There are 1 best solutions below

1
wzbillings On

I suspect this will be closed as it is mainly a programming question, but here is a quick answer.

That plot on the left side of that article is showing the actual model predictions, not just the coefficients. In order to get those, you need to do two steps. First you need to create a grid of data on which to evaluate your predictions.

You can do that with expand.grid() (or the slightly more versatile tidyr::expand_grid() if you use tidyverse). This is like a data frame, but it "crosses" all of the inputs to create a data frame with all the combinations. For example, expand.grid(a = 1:2, b = 1:2) will give you a data frame with four rows that have all possible combinations of the values of a and b. So for your problem, you would want something like this:

prediction_grid <- expand.grid(
    age = unique(survey_data$age),
    gender = unique(survey_data$gender),
    region = ...
)

and so on. Then you pass this as the newdata argument to predict() like so: predict(vote_mod, newdata = prediction_grid, type = "response"). The argument type = response is necessary to get outcomes that are probabilities so you don't have to backtransform them.
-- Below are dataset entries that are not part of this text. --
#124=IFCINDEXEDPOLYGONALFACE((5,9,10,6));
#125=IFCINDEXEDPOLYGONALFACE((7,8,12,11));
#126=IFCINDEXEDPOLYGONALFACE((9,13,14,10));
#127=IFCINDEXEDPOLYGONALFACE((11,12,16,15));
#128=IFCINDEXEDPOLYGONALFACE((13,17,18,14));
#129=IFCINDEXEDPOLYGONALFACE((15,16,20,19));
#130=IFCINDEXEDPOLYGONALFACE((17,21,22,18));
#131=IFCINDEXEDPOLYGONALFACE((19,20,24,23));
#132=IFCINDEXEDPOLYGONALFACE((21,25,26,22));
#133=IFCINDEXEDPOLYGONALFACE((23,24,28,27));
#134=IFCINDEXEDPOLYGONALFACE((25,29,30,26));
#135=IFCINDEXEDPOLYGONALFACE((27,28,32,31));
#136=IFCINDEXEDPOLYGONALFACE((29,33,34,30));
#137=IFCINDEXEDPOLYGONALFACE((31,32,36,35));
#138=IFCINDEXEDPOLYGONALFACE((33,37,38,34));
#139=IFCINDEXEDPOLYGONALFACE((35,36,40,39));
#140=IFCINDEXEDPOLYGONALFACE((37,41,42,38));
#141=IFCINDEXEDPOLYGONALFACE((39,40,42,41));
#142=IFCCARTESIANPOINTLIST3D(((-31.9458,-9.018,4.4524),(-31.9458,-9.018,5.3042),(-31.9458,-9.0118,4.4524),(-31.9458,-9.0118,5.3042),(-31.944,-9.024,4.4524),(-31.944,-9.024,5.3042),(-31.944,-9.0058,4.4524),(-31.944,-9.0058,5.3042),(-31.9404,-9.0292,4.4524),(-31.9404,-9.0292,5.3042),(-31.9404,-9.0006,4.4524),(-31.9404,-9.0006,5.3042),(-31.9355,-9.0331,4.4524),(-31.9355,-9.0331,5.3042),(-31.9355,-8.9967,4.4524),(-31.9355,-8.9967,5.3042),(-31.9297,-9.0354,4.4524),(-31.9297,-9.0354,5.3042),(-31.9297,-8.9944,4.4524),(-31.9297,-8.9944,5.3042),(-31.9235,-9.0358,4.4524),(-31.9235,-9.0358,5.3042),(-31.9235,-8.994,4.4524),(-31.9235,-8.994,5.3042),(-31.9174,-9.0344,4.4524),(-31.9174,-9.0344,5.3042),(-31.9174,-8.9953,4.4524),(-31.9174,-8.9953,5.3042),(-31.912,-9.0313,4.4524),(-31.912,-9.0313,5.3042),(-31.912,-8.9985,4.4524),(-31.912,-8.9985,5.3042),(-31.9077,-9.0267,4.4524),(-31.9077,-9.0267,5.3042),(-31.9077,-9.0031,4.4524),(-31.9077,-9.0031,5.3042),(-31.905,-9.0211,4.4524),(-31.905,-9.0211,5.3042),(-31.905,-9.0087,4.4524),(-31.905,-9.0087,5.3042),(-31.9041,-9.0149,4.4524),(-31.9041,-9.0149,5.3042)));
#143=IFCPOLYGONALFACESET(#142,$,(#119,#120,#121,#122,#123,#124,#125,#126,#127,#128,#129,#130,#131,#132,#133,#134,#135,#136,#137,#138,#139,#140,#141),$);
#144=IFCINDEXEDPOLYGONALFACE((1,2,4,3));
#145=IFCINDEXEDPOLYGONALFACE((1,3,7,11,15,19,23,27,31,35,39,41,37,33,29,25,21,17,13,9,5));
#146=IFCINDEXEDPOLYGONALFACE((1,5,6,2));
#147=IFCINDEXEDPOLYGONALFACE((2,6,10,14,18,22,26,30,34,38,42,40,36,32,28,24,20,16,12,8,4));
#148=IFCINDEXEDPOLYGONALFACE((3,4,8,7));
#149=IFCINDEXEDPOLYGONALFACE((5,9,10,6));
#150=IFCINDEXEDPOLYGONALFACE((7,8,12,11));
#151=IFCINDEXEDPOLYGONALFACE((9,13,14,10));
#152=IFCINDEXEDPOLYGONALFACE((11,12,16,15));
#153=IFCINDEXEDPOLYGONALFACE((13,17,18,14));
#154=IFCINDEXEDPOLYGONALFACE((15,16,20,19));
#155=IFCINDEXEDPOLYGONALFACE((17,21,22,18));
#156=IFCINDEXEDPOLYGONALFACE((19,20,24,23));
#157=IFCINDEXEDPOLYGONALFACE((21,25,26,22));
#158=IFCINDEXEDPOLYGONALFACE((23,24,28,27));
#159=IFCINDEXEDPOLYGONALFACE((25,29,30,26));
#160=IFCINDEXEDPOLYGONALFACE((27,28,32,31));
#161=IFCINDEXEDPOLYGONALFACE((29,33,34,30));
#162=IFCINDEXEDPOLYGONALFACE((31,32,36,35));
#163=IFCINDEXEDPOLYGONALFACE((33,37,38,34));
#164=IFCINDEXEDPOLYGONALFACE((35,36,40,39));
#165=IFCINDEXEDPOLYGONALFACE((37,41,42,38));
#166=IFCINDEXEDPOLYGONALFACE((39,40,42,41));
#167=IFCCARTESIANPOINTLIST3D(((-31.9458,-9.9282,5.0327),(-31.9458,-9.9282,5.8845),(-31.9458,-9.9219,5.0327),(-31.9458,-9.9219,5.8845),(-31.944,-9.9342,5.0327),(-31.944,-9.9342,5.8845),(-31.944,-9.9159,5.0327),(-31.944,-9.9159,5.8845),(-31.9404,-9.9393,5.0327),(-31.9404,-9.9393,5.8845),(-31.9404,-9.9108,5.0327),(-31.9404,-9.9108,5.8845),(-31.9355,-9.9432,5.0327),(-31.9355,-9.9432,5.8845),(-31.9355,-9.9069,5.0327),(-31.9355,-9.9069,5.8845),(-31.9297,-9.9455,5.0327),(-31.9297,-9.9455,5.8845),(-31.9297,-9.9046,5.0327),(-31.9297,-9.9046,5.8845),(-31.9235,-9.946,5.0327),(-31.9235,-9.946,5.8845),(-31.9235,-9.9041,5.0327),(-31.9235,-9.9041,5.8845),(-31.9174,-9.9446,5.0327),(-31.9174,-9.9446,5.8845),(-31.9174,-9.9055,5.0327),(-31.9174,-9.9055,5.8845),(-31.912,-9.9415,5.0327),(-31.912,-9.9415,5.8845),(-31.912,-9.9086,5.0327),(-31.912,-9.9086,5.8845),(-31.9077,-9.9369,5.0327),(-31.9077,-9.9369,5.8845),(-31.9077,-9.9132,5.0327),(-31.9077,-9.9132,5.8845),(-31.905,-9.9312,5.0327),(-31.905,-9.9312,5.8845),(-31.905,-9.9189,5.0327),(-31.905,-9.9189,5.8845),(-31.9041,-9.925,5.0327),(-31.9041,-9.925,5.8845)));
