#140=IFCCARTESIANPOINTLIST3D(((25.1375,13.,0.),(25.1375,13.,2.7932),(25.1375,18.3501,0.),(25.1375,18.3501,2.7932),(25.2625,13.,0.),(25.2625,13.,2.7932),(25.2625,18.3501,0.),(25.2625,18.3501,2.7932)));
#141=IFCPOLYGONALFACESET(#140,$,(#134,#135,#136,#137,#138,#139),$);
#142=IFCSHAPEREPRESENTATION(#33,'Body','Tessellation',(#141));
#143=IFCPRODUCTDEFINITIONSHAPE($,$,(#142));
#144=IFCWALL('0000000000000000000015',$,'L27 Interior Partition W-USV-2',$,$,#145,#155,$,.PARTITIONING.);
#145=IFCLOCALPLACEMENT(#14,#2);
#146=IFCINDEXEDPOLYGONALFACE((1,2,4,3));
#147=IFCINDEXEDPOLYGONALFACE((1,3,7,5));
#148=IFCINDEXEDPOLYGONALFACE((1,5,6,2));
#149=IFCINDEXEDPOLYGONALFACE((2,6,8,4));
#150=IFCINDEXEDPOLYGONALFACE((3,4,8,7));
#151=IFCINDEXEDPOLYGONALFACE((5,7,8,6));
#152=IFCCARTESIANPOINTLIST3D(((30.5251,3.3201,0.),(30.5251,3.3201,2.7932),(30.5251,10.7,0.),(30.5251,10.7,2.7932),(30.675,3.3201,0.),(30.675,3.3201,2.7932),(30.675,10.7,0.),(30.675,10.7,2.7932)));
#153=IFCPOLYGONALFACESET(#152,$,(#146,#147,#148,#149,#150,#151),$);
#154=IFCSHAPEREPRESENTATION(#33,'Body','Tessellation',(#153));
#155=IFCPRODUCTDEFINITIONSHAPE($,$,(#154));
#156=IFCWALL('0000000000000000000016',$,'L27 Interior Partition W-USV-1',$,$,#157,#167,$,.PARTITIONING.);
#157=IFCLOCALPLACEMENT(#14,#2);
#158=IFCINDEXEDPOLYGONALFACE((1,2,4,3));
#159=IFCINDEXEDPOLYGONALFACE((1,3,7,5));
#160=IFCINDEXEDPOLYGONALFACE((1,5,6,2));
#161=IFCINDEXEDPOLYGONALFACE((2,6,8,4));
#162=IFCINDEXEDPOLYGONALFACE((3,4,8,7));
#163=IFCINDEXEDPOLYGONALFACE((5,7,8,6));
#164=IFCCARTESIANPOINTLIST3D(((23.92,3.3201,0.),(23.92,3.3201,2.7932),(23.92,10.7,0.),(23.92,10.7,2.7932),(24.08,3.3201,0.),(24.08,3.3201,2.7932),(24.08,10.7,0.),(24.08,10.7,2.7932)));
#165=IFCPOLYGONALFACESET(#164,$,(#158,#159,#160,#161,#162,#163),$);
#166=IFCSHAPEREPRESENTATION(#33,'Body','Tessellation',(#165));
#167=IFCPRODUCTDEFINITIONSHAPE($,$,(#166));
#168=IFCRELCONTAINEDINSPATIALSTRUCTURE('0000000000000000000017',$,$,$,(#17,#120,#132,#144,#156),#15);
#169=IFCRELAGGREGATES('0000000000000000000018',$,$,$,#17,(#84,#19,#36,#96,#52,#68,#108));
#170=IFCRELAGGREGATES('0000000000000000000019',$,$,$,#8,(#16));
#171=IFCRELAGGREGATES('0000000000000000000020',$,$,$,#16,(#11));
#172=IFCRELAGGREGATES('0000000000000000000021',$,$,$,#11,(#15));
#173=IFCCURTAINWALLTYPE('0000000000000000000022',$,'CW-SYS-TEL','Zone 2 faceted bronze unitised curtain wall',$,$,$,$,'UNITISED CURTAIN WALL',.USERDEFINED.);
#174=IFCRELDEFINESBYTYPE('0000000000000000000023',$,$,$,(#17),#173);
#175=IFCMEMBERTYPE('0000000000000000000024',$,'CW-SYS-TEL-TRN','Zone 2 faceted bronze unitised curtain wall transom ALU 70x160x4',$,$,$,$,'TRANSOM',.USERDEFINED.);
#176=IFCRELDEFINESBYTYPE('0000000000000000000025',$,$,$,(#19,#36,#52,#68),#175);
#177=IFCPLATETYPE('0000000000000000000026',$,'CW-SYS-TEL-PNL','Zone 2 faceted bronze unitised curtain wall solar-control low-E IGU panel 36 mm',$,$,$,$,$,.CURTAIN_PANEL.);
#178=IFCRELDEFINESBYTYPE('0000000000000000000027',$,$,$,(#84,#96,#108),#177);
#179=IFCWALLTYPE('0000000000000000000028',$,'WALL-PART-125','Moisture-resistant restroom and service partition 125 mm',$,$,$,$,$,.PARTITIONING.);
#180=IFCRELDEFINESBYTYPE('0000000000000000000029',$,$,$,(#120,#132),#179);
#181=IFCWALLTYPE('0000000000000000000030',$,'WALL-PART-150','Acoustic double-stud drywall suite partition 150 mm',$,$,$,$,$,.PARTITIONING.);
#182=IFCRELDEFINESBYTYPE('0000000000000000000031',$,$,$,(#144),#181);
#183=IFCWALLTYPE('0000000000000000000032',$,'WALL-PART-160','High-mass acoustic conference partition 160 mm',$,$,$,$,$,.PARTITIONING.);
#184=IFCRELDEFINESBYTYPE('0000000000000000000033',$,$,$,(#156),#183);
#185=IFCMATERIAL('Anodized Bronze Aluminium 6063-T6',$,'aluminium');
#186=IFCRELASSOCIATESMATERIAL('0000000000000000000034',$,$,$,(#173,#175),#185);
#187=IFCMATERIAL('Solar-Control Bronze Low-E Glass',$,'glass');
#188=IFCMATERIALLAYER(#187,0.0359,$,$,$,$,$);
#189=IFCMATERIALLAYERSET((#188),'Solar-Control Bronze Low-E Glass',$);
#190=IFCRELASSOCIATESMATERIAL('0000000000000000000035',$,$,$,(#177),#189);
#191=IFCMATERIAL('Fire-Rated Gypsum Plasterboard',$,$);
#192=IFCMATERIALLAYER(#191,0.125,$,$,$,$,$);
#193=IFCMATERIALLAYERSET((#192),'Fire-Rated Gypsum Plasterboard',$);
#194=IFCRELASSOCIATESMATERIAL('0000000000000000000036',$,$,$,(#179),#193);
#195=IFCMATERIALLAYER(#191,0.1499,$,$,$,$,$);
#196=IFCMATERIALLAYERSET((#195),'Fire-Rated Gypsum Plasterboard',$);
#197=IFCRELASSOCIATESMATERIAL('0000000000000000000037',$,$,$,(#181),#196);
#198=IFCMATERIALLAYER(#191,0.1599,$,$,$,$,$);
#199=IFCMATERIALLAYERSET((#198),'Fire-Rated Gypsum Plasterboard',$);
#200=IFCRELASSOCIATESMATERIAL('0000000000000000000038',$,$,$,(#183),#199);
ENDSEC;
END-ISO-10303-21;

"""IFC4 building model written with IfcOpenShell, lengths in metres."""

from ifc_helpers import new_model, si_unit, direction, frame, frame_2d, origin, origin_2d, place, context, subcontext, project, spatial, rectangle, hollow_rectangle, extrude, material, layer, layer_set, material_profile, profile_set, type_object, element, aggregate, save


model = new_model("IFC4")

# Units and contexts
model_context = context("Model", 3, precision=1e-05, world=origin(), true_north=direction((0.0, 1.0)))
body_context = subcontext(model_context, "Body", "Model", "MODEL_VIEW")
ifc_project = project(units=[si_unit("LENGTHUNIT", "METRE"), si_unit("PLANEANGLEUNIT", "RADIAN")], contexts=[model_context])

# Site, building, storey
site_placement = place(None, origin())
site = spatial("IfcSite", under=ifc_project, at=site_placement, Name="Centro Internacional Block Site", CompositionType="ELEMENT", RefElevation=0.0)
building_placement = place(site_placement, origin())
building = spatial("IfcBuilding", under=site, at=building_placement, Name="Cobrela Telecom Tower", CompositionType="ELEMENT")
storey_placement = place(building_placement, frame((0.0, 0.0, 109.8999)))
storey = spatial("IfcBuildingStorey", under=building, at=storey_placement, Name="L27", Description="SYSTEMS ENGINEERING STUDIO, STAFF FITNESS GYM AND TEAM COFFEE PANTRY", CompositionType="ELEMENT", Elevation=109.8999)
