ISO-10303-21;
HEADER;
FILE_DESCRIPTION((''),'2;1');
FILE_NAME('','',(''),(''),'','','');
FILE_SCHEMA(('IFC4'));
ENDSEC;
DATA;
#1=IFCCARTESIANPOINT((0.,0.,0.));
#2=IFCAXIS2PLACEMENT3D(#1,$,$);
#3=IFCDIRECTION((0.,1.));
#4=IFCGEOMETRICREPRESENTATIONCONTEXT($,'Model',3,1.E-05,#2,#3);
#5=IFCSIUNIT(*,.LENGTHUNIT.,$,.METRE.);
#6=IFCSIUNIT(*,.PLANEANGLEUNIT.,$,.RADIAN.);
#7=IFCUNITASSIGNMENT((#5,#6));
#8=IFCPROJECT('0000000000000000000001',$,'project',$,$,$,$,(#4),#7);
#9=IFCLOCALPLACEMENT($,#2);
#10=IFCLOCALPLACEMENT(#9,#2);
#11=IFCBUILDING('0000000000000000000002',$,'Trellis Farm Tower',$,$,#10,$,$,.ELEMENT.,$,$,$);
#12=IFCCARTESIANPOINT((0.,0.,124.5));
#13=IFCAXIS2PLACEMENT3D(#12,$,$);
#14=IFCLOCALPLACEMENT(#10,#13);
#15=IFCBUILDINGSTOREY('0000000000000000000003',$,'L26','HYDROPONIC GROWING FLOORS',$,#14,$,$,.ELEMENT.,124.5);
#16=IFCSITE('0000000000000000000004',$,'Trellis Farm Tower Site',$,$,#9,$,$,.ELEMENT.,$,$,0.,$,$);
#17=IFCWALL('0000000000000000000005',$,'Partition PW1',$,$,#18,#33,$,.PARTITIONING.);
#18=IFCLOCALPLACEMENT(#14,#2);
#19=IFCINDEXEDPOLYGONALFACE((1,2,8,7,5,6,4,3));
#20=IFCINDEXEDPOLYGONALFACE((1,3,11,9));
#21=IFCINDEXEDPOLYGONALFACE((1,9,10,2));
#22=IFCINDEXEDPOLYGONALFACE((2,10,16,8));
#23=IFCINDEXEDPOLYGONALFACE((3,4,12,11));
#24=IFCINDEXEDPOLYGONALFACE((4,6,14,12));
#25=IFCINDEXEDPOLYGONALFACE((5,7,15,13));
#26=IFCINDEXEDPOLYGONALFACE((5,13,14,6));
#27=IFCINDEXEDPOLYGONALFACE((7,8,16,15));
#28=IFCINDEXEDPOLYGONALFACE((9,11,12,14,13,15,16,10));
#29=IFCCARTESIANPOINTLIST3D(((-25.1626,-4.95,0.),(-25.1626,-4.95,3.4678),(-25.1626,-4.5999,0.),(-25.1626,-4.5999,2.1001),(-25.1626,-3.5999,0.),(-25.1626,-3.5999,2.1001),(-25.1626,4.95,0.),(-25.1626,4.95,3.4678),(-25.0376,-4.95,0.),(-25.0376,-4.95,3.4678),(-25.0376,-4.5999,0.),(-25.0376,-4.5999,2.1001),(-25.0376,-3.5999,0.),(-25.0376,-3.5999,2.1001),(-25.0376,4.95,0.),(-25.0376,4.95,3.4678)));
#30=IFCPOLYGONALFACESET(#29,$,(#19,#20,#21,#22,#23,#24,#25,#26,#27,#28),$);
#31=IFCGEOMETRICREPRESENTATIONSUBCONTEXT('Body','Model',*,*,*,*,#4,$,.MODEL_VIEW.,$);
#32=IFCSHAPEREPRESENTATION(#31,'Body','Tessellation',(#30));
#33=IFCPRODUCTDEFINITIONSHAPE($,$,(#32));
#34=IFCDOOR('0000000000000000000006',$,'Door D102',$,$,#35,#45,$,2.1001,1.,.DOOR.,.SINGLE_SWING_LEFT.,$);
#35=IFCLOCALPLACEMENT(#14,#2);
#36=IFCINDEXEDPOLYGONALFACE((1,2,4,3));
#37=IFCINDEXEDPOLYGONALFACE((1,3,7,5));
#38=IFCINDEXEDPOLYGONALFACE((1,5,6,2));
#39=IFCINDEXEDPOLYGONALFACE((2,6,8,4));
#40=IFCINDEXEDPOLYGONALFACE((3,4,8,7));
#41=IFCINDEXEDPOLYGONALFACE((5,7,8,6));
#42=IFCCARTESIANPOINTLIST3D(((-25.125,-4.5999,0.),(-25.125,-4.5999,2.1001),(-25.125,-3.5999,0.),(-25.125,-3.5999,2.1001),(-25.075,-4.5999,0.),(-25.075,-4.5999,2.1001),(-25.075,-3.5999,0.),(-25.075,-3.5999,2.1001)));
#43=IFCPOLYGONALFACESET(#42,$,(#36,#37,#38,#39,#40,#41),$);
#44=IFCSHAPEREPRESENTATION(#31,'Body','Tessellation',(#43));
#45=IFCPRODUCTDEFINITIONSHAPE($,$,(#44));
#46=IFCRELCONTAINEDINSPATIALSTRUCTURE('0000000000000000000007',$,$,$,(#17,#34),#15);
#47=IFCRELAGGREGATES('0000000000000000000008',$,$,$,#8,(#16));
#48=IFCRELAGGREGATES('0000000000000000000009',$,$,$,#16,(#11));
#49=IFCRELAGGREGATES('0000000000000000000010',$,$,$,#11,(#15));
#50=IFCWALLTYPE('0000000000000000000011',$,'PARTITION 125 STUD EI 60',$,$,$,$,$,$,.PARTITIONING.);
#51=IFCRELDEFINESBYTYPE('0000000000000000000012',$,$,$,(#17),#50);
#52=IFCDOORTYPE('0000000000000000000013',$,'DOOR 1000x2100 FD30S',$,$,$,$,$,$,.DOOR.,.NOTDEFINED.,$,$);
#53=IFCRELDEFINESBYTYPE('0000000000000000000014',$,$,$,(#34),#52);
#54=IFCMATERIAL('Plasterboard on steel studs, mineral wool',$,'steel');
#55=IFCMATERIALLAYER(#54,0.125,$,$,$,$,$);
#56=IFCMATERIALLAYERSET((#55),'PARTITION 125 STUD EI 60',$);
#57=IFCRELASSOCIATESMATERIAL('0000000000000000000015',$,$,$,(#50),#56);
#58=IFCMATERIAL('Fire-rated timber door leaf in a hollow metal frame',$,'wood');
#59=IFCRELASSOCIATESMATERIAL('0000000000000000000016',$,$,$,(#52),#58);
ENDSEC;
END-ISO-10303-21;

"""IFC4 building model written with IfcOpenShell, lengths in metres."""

from ifc_helpers import new_model, si_unit, direction, frame, frame_2d, origin, place, context, subcontext, project, spatial, rectangle, extrude, source, transform, mapped, material, layer, layer_set, type_object, element, fill, save


model = new_model("IFC4")

# Units and contexts
model_context = context("Model", 3, precision=1e-05, world=origin(), true_north=direction((0.0, 1.0)))
body_context = subcontext(model_context, "Body", "Model", "MODEL_VIEW")
ifc_project = project(units=[si_unit("LENGTHUNIT", "METRE"), si_unit("PLANEANGLEUNIT", "RADIAN")], contexts=[model_context])

# Site, building, storey
site_placement = place(None, origin())
site = spatial("IfcSite", under=ifc_project, at=site_placement, Name="Trellis Farm Tower Site", CompositionType="ELEMENT", RefElevation=0.0)
building_placement = place(site_placement, origin())
building = spatial("IfcBuilding", under=site, at=building_placement, Name="Trellis Farm Tower", CompositionType="ELEMENT")
storey_placement = place(building_placement, frame((0.0, 0.0, 124.5)))
storey = spatial("IfcBuildingStorey", under=building, at=storey_placement, Name="L26", Description="HYDROPONIC GROWING FLOORS", CompositionType="ELEMENT", Elevation=124.5)

# Wall, opening, door
ifc_material_1 = material(Name="Plasterboard on steel studs, mineral wool", Category="steel")
ifc_layer_1 = layer(ifc_material_1, 0.125)
ifc_layer_set_1 = layer_set([ifc_layer_1], Name="PARTITION 125 STUD EI 60")
wall_type_1 = type_object("IfcWallType", Name="PARTITION 125 STUD EI 60", PredefinedType="PARTITIONING", material=ifc_layer_set_1)
shared_shape_1 = source(origin(), body_context, "Body", "SweptSolid", [
    extrude(rectangle(XDim=9.8999, YDim=0.125, at=frame_2d((4.95, 0.0))), origin(), (0.0, 0.0, 1.0), 3.4678),
])
wall_1_placement = place(storey_placement, frame((-25.1001, -4.95, 0.0), z_axis=(0.0, 0.0, 1.0), x_axis=(0.0, 1.0, 0.0)))
wall_1 = element("IfcWall", 1, at=wall_1_placement, inside=storey, type_object=wall_type_1, Name="Partition PW1", PredefinedType="PARTITIONING", context=body_context, shape_type="MappedRepresentation", body=[
    mapped(shared_shape_1, transform((0.0, 0.0, 0.0))),
])
shared_shape_2 = source(origin(), body_context, "Body", "SweptSolid", [
    extrude(rectangle(XDim=1.0, YDim=2.1001, at=frame_2d((0.5, 1.05))), frame((0.0, 0.0725, 0.0), z_axis=(0.0, -1.0, 0.0), x_axis=(1.0, 0.0, 0.0)), (0.0, 0.0, 1.0), 0.145),
])
opening_1_placement = place(wall_1_placement, frame((0.3501, 0.0, 0.0)))
opening_1 = element("IfcOpeningElement", 2, at=opening_1_placement, cuts=wall_1, PredefinedType="OPENING", context=body_context, shape_type="MappedRepresentation", body=[
    mapped(shared_shape_2, transform((0.0, 0.0, 0.0))),
])
ifc_material_2 = material(Name="Fire-rated timber door leaf in a hollow metal frame", Category="wood")
door_type_1 = type_object("IfcDoorType", Name="DOOR 1000x2100 FD30S", OperationType="NOTDEFINED", PredefinedType="DOOR", material=ifc_material_2)
shared_shape_3 = source(origin(), body_context, "Body", "SweptSolid", [
    extrude(rectangle(XDim=1.0, YDim=2.1001, at=frame_2d((0.5, 1.05))), frame((0.0, 0.0249, 0.0), z_axis=(0.0, -1.0, 0.0), x_axis=(1.0, 0.0, 0.0)), (0.0, 0.0, 1.0), 0.05),
])
door_1_placement = place(opening_1_placement, origin())
door_1 = element("IfcDoor", 3, at=door_1_placement, inside=storey, type_object=door_type_1, Name="Door D102", OperationType="SINGLE_SWING_LEFT", OverallHeight=2.1001, OverallWidth=1.0, PredefinedType="DOOR", context=body_context, shape_type="MappedRepresentation", body=[
    mapped(shared_shape_3, transform((0.0, 0.0, 0.0))),
])
fill(opening_1, door_1)

save(model, "model.ifc")
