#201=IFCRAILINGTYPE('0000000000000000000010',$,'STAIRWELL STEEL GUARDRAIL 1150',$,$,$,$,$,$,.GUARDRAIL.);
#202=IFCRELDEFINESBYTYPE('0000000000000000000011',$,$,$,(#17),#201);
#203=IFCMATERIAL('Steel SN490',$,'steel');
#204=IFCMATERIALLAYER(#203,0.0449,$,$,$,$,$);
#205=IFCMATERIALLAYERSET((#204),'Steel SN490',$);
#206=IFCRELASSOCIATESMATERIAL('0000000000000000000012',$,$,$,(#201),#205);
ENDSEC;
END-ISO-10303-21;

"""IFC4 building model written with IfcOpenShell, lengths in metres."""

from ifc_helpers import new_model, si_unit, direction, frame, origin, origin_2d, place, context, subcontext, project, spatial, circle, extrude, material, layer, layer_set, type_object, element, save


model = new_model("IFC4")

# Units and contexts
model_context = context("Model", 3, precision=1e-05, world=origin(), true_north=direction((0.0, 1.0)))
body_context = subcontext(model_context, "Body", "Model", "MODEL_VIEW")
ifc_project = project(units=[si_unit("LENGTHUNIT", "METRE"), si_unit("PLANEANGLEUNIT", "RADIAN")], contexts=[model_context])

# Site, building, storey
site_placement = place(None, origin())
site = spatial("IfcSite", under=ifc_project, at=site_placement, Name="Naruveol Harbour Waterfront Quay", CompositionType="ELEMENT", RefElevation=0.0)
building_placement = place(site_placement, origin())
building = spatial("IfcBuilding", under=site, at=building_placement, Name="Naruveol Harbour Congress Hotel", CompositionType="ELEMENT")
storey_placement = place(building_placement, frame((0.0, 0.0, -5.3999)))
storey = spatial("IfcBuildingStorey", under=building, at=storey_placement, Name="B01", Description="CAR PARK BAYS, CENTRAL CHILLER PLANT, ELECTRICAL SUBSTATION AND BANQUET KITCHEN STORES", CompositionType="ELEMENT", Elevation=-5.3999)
This will give you a numeric matrix with one row for each row of prediction_grid (this would be equal to the number of points in the triangle diagram on the right side of that article) and one column for each level of the outcome, where the i, j value is the probability of a person with the characteristics of the ith row of prediction_grid to get outcome j.

You could also use broom::augment() to get the predictions in a tidy format (rather than tidy() giving you the coefficients in a tidy format).